S&P Global analyst Ong Hwee Yee highlighted that the premium mass gaming market continues to support industry revenues in the region.
“Affluent players may be less exposed to a weakening economy than the lower-income groups… Players return and remain engaged,” she said, as reported by Business Times.
Singapore saw a significant influx of Chinese players after implementing visa-free travel for them in February 2024, resulting in a 50% year-on-year gaming revenue increase in the first quarter last year.
Malaysia introduced a similar visa policy in December 2023.
Genting Bhd, a major Malaysian hospitality group with operations in Malaysia and Singapore, is a key player in the region’s casino industry.
The company is exploring the establishment of a casino in New York, USA, which S&P Global identifies as an “event risk” that could affect its overall revenue.
The researcher noted that securing a full casino license could position Genting Bhd strongly in the U.S. market, leveraging its existing Resorts World New York City infrastructure.
However, failure to obtain the license could hinder the competitiveness of its New York operations, according to the report.
In the rest of Asia-Pacific, casinos might struggle due to institutional barriers, S&P said.
Ong indicated that markets like Cambodia will experience a slower revenue recovery.
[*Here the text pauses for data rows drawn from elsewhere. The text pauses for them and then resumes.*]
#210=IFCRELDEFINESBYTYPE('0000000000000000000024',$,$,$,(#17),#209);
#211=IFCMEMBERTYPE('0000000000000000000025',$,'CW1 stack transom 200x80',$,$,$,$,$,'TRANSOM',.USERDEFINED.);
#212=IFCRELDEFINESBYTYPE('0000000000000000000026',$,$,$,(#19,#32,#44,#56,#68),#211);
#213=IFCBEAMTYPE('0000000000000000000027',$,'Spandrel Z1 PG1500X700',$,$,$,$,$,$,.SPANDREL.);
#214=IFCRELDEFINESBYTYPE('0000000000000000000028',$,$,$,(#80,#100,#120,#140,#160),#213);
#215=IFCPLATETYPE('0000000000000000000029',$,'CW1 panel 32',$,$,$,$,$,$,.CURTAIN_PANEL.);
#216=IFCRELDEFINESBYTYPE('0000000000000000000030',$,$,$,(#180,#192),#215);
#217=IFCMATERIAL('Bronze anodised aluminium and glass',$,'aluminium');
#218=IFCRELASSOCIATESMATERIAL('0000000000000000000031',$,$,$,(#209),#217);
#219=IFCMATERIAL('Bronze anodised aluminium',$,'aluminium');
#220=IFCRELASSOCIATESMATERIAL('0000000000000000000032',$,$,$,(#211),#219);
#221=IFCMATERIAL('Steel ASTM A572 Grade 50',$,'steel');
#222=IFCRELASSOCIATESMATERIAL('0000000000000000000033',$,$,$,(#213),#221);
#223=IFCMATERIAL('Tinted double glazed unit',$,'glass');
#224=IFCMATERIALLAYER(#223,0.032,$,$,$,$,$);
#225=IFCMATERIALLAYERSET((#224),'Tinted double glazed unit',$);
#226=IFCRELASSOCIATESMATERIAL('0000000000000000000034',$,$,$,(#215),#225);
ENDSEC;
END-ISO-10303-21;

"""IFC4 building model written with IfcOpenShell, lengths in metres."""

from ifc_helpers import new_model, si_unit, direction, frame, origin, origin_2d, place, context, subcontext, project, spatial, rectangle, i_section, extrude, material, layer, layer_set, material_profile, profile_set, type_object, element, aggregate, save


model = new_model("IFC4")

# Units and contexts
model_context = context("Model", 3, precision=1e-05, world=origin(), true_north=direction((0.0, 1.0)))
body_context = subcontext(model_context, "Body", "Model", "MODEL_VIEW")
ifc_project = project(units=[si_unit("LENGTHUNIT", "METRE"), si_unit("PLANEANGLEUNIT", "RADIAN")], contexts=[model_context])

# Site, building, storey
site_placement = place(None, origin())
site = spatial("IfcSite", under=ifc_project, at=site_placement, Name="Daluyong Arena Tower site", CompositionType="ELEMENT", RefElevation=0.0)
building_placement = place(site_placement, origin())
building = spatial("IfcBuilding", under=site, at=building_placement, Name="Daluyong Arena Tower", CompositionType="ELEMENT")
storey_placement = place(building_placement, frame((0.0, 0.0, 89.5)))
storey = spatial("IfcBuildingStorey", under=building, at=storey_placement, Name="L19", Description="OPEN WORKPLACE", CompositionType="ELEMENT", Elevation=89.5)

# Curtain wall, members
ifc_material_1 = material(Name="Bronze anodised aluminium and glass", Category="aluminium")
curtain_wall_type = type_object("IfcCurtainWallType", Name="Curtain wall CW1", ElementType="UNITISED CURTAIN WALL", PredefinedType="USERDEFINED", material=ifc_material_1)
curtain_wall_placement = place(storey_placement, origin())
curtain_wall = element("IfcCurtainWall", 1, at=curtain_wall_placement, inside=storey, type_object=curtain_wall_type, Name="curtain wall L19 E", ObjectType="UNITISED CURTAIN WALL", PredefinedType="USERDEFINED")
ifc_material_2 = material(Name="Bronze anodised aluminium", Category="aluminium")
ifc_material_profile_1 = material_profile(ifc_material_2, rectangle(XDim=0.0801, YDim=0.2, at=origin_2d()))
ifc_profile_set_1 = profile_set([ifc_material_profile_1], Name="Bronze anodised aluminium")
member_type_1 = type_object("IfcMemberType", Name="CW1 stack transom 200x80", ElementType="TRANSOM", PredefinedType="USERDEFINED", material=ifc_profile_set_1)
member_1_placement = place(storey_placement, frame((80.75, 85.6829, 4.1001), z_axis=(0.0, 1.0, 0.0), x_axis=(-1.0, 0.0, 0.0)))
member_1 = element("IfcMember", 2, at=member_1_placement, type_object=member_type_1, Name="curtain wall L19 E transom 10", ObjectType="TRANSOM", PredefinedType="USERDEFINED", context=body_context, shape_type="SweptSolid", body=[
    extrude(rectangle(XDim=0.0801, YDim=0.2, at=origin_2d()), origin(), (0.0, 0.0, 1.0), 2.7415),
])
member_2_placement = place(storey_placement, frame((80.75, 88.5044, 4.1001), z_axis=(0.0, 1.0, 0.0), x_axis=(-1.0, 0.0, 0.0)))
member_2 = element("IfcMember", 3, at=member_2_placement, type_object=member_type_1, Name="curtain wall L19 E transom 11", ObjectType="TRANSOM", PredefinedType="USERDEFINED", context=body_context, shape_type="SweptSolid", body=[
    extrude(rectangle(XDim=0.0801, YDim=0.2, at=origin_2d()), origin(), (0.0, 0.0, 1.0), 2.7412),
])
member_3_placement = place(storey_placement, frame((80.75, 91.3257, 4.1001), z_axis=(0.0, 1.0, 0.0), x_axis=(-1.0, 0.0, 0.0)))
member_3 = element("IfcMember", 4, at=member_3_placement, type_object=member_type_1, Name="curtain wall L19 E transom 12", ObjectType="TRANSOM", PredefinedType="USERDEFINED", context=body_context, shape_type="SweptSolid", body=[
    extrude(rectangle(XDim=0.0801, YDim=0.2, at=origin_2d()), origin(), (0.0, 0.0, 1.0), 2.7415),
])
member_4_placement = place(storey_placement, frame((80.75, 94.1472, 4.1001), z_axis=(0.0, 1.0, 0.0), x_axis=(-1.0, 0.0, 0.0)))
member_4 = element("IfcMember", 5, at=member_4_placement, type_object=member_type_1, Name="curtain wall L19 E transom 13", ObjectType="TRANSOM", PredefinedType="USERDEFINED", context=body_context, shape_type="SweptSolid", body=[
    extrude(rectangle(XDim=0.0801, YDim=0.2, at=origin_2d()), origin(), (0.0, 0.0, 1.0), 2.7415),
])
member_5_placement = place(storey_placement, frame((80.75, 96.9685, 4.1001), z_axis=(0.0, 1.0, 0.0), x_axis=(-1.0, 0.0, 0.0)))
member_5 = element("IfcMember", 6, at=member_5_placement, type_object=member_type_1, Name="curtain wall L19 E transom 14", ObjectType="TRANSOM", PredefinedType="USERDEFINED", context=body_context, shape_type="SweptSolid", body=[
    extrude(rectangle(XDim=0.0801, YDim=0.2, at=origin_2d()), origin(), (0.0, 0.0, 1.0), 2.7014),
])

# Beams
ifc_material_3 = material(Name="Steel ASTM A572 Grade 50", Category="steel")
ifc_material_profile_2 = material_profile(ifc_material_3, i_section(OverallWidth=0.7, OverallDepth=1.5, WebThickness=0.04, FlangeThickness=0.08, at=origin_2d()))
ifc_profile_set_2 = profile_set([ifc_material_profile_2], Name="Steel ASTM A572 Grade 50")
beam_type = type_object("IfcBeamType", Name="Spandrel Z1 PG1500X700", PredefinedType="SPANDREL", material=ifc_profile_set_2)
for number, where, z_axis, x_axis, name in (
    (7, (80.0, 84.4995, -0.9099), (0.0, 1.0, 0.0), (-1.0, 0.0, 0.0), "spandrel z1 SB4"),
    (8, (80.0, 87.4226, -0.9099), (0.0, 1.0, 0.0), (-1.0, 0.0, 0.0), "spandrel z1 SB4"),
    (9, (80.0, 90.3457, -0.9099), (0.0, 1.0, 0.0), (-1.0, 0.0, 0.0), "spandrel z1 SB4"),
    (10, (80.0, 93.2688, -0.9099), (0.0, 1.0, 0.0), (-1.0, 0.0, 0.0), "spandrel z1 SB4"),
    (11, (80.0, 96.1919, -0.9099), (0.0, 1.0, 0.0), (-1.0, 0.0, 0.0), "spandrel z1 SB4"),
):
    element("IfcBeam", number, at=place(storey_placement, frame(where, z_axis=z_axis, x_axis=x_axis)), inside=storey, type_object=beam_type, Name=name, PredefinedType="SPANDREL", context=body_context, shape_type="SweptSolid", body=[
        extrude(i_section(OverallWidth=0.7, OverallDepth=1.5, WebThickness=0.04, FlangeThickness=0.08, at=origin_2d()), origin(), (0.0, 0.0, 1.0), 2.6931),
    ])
Cambodian casinos, heavily reliant on Chinese players – have been hit hard by China’s crackdown on junket operators linked to money laundering and corruption.
In 2019, these operators accounted for roughly 70% of Cambodia’s gross gaming revenue.
In Thailand, efforts to legalize casinos were halted when the government recently withdrew a flagship bill proposed by suspended Prime Minister Paetongtarn Shinawatra.
While betting remains largely illegal in the country, some lawmakers have argued that casinos could bolster the struggling tourism sector.
Ong described Thailand’s potential casino market as “massive” if legalized, but cautioned that such a move could impact operations in neighboring markets.
Meanwhile, online gambling in the Asia-Pacific region is forecast to reach US$20.9 billion this year, a 12.8% growth from last year, driven by technological advancement and shifting consumer preference, according to a report by India-based Market Data Forecast.
The region’s large population base, increasing smartphone penetration, and rising disposable incomes are set to contribute to an expected compound annual growth rate of 12.77% between 2025 and 2033, it added.